Our MPs and parties are undermining the long-term brand of political and public service in the search for short-term political advantage. The result is more citizen cynicism, voter apathy, and polarization.

Trust in Canada’s Parliament and MPs was among the lowest of some 26 countries in a polling survey conducted late last year. Another survey last spring found a twenty-point drop in democratic satisfaction in Canada in eight years to just over half of Canadians.

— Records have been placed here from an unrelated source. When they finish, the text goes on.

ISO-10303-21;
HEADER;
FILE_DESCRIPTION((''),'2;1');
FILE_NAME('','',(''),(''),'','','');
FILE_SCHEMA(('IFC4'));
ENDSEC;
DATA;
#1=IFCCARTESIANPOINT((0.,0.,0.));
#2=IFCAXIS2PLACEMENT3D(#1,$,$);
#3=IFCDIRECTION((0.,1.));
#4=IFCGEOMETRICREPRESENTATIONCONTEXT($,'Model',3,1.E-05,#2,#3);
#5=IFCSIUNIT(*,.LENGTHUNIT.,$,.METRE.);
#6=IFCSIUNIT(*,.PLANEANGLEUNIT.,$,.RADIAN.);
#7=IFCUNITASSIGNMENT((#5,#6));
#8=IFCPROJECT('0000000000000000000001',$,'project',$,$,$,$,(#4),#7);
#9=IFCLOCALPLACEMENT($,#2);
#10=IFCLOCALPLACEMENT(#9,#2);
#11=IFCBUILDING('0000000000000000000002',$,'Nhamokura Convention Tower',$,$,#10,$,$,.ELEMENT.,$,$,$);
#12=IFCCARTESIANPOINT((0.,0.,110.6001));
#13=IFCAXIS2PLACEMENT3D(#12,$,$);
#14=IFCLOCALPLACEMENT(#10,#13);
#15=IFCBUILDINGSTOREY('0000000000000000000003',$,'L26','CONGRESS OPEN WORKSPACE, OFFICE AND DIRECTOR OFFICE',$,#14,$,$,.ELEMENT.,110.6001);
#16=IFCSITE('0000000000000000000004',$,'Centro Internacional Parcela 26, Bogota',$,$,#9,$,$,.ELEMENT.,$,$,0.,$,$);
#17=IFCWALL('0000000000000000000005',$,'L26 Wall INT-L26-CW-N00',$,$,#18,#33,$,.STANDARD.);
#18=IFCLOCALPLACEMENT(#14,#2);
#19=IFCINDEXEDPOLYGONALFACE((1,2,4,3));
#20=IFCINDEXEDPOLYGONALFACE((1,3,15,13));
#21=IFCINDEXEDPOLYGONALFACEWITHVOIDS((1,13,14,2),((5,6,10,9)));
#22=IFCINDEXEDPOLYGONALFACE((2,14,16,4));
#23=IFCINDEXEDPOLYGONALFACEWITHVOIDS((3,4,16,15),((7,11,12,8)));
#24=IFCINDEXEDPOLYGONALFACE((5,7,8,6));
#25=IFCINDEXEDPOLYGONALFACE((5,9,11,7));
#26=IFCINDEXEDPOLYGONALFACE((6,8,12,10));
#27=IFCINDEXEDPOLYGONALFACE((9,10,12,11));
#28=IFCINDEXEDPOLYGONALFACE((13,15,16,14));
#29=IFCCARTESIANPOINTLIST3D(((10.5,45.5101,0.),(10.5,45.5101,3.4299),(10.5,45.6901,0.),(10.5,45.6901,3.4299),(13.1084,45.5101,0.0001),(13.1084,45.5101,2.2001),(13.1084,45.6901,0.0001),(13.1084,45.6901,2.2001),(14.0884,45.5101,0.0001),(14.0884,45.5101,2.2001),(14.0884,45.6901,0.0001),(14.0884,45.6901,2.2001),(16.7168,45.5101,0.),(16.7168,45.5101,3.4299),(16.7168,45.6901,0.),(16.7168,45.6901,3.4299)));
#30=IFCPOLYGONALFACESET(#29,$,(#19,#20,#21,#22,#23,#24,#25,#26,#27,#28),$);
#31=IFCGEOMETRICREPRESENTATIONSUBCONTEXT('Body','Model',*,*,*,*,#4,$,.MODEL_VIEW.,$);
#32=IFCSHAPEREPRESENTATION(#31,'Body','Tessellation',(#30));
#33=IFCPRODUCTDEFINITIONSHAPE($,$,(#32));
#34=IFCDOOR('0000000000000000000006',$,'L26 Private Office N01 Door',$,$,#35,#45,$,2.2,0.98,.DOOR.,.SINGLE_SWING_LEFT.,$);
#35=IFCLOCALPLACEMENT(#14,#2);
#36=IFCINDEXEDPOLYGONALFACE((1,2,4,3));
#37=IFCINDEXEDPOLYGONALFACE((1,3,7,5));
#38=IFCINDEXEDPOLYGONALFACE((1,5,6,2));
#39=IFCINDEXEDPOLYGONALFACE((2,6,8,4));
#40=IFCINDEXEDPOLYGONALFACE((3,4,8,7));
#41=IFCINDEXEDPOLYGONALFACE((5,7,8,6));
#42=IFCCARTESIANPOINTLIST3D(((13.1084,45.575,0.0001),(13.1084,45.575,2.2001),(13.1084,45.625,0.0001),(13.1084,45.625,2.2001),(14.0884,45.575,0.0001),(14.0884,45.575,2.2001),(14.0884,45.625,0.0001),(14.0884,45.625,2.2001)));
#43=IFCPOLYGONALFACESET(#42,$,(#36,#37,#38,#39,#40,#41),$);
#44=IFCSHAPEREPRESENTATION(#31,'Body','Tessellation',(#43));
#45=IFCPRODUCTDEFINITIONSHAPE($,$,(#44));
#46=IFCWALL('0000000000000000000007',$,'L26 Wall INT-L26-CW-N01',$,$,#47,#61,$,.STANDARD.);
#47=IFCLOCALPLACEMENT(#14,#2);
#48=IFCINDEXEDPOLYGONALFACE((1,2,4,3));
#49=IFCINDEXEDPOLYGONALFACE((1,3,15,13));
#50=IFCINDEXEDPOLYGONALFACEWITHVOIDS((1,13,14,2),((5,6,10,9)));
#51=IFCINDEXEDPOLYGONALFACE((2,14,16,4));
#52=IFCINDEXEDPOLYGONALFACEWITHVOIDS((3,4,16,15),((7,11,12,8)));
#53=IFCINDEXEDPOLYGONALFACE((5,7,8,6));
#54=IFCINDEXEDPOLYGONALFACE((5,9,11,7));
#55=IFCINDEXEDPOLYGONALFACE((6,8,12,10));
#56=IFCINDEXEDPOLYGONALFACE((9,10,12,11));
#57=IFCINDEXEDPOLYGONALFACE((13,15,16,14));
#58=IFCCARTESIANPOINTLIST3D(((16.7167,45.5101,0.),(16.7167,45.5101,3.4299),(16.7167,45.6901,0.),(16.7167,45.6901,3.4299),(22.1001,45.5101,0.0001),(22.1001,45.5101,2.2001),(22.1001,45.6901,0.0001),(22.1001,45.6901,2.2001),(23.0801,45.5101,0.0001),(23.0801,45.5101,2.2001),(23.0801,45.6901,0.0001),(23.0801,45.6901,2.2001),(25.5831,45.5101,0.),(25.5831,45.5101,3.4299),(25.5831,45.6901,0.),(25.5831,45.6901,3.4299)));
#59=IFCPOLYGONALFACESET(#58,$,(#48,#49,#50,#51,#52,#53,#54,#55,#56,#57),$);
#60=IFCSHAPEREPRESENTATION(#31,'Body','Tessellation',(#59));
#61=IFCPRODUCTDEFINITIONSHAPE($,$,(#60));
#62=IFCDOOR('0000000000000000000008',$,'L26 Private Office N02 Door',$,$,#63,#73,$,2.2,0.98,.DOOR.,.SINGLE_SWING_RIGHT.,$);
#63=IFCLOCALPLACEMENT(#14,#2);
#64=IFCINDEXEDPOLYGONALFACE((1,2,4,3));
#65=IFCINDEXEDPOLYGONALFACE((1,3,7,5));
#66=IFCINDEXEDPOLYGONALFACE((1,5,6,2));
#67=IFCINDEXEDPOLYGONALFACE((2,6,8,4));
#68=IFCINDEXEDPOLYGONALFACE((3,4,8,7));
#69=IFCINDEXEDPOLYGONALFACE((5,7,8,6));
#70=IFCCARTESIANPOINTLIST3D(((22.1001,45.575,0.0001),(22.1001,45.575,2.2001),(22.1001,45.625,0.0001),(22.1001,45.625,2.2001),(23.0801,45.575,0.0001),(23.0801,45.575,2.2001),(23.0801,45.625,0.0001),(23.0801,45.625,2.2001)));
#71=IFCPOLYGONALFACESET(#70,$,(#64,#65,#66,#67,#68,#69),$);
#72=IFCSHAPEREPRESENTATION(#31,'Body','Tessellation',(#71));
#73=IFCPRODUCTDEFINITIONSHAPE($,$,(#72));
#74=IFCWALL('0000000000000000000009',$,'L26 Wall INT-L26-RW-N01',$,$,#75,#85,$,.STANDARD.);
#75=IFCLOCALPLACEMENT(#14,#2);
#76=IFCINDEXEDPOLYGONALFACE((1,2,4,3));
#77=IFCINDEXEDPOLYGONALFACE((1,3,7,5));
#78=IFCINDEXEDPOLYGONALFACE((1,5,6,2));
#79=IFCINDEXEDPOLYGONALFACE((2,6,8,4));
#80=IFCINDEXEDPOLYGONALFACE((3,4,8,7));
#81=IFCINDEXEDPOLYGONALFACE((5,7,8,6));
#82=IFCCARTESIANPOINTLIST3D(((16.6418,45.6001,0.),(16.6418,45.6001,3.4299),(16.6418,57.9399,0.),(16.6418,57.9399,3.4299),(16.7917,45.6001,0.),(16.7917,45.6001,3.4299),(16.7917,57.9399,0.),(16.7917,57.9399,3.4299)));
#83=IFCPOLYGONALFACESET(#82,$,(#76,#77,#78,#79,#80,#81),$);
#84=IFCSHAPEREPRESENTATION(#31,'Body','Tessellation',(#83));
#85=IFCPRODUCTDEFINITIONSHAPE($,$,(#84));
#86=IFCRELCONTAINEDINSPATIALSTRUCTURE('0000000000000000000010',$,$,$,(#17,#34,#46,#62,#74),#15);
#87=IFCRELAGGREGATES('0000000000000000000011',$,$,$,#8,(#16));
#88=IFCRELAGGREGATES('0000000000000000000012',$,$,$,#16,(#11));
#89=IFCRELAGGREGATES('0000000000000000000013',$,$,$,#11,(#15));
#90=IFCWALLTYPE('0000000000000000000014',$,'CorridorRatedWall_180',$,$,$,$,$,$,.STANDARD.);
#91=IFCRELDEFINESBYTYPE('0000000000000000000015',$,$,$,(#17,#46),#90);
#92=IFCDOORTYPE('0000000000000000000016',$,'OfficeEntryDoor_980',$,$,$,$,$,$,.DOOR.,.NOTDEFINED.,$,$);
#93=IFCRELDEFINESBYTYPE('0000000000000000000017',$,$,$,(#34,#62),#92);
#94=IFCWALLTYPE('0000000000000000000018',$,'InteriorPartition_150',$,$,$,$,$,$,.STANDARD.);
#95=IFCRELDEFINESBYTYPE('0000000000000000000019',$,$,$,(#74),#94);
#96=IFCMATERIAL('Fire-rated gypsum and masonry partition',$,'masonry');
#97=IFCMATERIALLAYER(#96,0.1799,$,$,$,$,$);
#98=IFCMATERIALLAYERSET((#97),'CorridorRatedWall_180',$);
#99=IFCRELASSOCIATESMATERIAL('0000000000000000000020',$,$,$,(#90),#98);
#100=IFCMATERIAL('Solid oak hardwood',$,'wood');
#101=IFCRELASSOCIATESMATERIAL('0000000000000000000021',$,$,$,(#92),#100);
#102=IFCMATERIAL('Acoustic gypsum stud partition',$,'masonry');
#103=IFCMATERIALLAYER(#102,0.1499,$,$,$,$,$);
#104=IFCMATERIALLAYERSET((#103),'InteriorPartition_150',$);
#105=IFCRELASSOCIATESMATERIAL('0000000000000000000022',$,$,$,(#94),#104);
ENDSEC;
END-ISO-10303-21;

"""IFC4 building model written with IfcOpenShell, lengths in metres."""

from ifc_helpers import new_model, si_unit, direction, frame, frame_2d, origin, place, context, subcontext, project, spatial, rectangle, extrude, material, layer, layer_set, type_object, element, fill, save


model = new_model("IFC4")

# Units and contexts
model_context = context("Model", 3, precision=1e-05, world=origin(), true_north=direction((0.0, 1.0)))
body_context = subcontext(model_context, "Body", "Model", "MODEL_VIEW")
ifc_project = project(units=[si_unit("LENGTHUNIT", "METRE"), si_unit("PLANEANGLEUNIT", "RADIAN")], contexts=[model_context])

# Site, building, storey
site_placement = place(None, origin())
site = spatial("IfcSite", under=ifc_project, at=site_placement, Name="Centro Internacional Parcela 26, Bogota", CompositionType="ELEMENT", RefElevation=0.0)
building_placement = place(site_placement, origin())
building = spatial("IfcBuilding", under=site, at=building_placement, Name="Nhamokura Convention Tower", CompositionType="ELEMENT")
storey_placement = place(building_placement, frame((0.0, 0.0, 110.6001)))
storey = spatial("IfcBuildingStorey", under=building, at=storey_placement, Name="L26", Description="CONGRESS OPEN WORKSPACE, OFFICE AND DIRECTOR OFFICE", CompositionType="ELEMENT", Elevation=110.6001)

# Walls, openings, doors
ifc_material_1 = material(Name="Fire-rated gypsum and masonry partition", Category="masonry")
ifc_layer_1 = layer(ifc_material_1, 0.1799)
ifc_layer_set_1 = layer_set([ifc_layer_1], Name="CorridorRatedWall_180")
wall_type_1 = type_object("IfcWallType", Name="CorridorRatedWall_180", PredefinedType="STANDARD", material=ifc_layer_set_1)
wall_1_placement = place(storey_placement, frame((10.5, 45.6001, 0.0), z_axis=(0.0, 0.0, 1.0), x_axis=(1.0, 0.0, 0.0)))
wall_1 = element("IfcWall", 1, at=wall_1_placement, inside=storey, type_object=wall_type_1, Name="L26 Wall INT-L26-CW-N00", PredefinedType="STANDARD", context=body_context, shape_type="SweptSolid", body=[
    extrude(rectangle(XDim=6.2168, YDim=0.1799, at=frame_2d((3.1084, 0.0))), origin(), (0.0, 0.0, 1.0), 3.4299),
])
opening_1_placement = place(wall_1_placement, frame((2.6084, 0.0, 0.0)))
opening_1 = element("IfcOpeningElement", 2, at=opening_1_placement, cuts=wall_1, PredefinedType="OPENING", context=body_context, shape_type="SweptSolid", body=[
    extrude(rectangle(XDim=0.98, YDim=2.2, at=frame_2d((0.49, 1.1001))), frame((0.0, 0.0999, 0.0), z_axis=(0.0, -1.0, 0.0), x_axis=(1.0, 0.0, 0.0)), (0.0, 0.0, 1.0), 0.2),
])
ifc_material_2 = material(Name="Solid oak hardwood", Category="wood")
door_type = type_object("IfcDoorType", Name="OfficeEntryDoor_980", OperationType="NOTDEFINED", PredefinedType="DOOR", material=ifc_material_2)
door_1_placement = place(opening_1_placement, origin())
door_1 = element("IfcDoor", 3, at=door_1_placement, inside=storey, type_object=door_type, Name="L26 Private Office N01 Door", OperationType="SINGLE_SWING_LEFT", OverallHeight=2.2, OverallWidth=0.98, PredefinedType="DOOR", context=body_context, shape_type="SweptSolid", body=[
    extrude(rectangle(XDim=0.98, YDim=2.2, at=frame_2d((0.49, 1.1001))), frame((0.0, 0.0249, 0.0), z_axis=(0.0, -1.0, 0.0), x_axis=(1.0, 0.0, 0.0)), (0.0, 0.0, 1.0), 0.05),
])
fill(opening_1, door_1)
wall_2_placement = place(storey_placement, frame((16.7168, 45.6001, 0.0), z_axis=(0.0, 0.0, 1.0), x_axis=(1.0, 0.0, 0.0)))
wall_2 = element("IfcWall", 4, at=wall_2_placement, inside=storey, type_object=wall_type_1, Name="L26 Wall INT-L26-CW-N01", PredefinedType="STANDARD", context=body_context, shape_type="SweptSolid", body=[
    extrude(rectangle(XDim=8.8665, YDim=0.1799, at=frame_2d((4.4331, 0.0))), origin(), (0.0, 0.0, 1.0), 3.4299),
])
opening_2_placement = place(wall_2_placement, frame((5.3833, 0.0, 0.0)))
opening_2 = element("IfcOpeningElement", 5, at=opening_2_placement, cuts=wall_2, PredefinedType="OPENING", context=body_context, shape_type="SweptSolid", body=[
    extrude(rectangle(XDim=0.98, YDim=2.2, at=frame_2d((0.49, 1.1001))), frame((0.0, 0.0999, 0.0), z_axis=(0.0, -1.0, 0.0), x_axis=(1.0, 0.0, 0.0)), (0.0, 0.0, 1.0), 0.2),
])
door_2_placement = place(opening_2_placement, origin())
door_2 = element("IfcDoor", 6, at=door_2_placement, inside=storey, type_object=door_type, Name="L26 Private Office N02 Door", OperationType="SINGLE_SWING_RIGHT", OverallHeight=2.2, OverallWidth=0.98, PredefinedType="DOOR", context=body_context, shape_type="SweptSolid", body=[
    extrude(rectangle(XDim=0.98, YDim=2.2, at=frame_2d((0.49, 1.1001))), frame((0.0, 0.0249, 0.0), z_axis=(0.0, -1.0, 0.0), x_axis=(1.0, 0.0, 0.0)), (0.0, 0.0, 1.0), 0.05),
])
fill(opening_2, door_2)

# Wall
ifc_material_3 = material(Name="Acoustic gypsum stud partition", Category="masonry")
ifc_layer_2 = layer(ifc_material_3, 0.1499)
ifc_layer_set_2 = layer_set([ifc_layer_2], Name="InteriorPartition_150")
wall_type_2 = type_object("IfcWallType", Name="InteriorPartition_150", PredefinedType="STANDARD", material=ifc_layer_set_2)
wall_3_placement = place(storey_placement, frame((16.7168, 45.6001, 0.0), z_axis=(0.0, 0.0, 1.0), x_axis=(0.0, 1.0, 0.0)))
element("IfcWall", 7, at=wall_3_placement, inside=storey, type_object=wall_type_2, Name="L26 Wall INT-L26-RW-N01", PredefinedType="STANDARD", context=body_context, shape_type="SweptSolid", body=[
    extrude(rectangle(XDim=12.3398, YDim=0.1499, at=frame_2d((6.1699, 0.0))), origin(), (0.0, 0.0, 1.0), 3.4299),
])

save(model, "model.ifc")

The reasons for this are both systemic and cultural. A winner-take-all political system requires disciplined parties cadging for every vote they can get. Minority parliaments accentuate the rancour while majority parliaments cement the arrogance and we’ve had both in the past seven years. Advancement in the House of Commons – on both sides – is never hurt and generally helped by excessive partisanship. Media outlets put a premium on conflict and division to attract viewers and readers (it’s a business after all), and simplify issues for easier comprehension and communication.

Yet, for all its faults, partisan politics has its place. Promoting your ideas while challenging a political opponent’s own can clarify choices and send important cues to voters in a democracy. Principles, if not always ideology, are a valuable basis upon which to make policy choices.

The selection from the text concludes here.